4.4.2 "Subject" of MDN and DSN in Success and Failure Cases

Because legacy e-mail applications do not parse the machine-readable
headers, e-mail users depend on the human-readable parts of the MDN
to recognize the type of acknowledgement that is received.

Examples:

MDN:
Subject: Your message was processed successfully. (MDN)
Subject: Your message has been rejected. (MDN)

DSN:
Subject: Your message was delivered successfully. (DSN)
Subject: Your message could not be delivered. (DSN)
Subject: Your message is delayed. (DSN)

4.4.3 Extended Mode Receivers that are MTAs (or ESMTP servers)

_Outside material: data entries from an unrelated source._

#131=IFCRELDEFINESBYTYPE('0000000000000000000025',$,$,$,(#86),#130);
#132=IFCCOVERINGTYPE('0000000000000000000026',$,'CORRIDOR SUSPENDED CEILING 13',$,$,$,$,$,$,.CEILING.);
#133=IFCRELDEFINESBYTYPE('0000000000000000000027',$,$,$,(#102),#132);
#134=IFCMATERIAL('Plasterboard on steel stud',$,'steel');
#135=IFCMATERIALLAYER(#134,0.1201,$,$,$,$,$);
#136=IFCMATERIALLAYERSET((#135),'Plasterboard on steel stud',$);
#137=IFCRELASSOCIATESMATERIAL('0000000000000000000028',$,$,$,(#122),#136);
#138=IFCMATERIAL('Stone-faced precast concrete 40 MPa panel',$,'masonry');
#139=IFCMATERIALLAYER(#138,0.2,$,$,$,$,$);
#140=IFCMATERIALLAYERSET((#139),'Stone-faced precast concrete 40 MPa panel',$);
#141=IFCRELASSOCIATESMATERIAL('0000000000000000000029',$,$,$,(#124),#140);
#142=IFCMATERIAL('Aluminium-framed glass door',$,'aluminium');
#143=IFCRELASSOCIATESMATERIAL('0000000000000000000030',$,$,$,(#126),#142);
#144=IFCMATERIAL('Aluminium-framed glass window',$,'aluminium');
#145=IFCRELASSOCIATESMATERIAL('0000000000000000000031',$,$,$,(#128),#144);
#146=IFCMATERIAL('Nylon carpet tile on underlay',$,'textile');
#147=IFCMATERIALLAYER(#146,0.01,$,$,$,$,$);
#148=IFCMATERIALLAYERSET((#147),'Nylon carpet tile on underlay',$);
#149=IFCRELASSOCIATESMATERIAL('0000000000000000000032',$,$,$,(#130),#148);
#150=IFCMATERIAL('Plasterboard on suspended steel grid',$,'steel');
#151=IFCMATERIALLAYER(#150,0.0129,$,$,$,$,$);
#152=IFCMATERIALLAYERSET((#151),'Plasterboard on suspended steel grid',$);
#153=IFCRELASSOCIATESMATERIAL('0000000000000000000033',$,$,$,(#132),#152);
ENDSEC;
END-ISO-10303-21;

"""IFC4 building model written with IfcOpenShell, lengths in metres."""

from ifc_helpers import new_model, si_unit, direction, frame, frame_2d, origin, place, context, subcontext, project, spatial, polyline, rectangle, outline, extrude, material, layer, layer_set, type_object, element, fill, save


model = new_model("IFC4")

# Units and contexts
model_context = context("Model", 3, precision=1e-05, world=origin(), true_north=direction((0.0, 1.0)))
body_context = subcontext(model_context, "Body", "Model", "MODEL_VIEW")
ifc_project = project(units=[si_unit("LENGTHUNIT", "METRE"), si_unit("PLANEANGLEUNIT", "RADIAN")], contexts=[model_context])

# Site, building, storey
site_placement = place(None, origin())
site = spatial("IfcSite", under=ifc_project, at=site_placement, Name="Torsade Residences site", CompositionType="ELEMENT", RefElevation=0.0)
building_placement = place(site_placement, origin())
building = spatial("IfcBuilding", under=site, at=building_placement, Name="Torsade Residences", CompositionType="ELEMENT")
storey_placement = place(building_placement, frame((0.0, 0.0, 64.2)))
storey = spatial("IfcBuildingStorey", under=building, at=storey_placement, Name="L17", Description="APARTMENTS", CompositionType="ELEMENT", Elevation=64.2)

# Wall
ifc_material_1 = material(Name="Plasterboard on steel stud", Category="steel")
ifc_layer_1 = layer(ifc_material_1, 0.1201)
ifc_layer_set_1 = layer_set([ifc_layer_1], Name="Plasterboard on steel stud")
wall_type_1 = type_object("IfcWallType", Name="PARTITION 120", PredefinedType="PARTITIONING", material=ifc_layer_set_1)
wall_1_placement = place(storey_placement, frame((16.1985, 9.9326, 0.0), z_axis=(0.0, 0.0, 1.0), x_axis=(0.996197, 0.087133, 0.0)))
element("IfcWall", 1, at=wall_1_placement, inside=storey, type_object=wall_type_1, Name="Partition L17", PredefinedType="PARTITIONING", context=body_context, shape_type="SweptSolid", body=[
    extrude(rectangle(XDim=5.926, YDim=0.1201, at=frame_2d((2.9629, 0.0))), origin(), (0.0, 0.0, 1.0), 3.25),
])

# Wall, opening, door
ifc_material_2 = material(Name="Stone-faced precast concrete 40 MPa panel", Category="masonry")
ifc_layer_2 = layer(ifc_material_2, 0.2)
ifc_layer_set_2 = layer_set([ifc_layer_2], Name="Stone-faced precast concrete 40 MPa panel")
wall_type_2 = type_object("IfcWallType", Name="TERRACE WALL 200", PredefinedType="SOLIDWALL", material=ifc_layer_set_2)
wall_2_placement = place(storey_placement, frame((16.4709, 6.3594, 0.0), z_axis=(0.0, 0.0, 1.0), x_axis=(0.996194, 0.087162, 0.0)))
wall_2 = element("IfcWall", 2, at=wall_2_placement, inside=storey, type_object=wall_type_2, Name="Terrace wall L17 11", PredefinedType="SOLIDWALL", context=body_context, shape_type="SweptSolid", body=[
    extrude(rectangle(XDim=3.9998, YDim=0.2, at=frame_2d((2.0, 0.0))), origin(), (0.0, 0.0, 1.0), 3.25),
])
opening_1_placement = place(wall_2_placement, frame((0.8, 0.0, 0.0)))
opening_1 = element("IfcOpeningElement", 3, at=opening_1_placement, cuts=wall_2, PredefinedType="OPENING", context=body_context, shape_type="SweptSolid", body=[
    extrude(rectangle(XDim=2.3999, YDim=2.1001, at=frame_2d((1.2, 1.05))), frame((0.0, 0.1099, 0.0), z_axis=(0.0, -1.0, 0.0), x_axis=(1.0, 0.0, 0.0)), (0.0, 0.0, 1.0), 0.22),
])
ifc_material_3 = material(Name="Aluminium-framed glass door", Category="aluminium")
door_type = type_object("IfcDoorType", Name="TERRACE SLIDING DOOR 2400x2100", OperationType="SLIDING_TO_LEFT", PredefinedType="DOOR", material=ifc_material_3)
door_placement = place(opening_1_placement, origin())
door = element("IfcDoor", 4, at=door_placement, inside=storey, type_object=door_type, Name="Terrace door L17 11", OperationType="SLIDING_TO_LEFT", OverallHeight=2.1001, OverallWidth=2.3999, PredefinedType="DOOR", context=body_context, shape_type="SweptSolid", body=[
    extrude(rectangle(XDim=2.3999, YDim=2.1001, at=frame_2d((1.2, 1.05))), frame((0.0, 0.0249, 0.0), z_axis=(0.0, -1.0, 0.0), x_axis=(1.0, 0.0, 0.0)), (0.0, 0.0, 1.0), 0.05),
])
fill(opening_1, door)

SMTP server-based implementations are strongly encouraged to
implement the "SMTP Service Extension for Returning Enhanced Error
Codes" [8]. This standard is easy to implement and it allows
detailed standardized success and error indications to be returned to
the sender by the submitting MTA.

The following examples, are provided as illustration only. They
should not be interpreted as limiting the protocol or the DSN form.
If the examples conflict with the definitions in the standards (RFC
1891[5]/1893[6]/1894[7]/2034[8]), the standards take precedence.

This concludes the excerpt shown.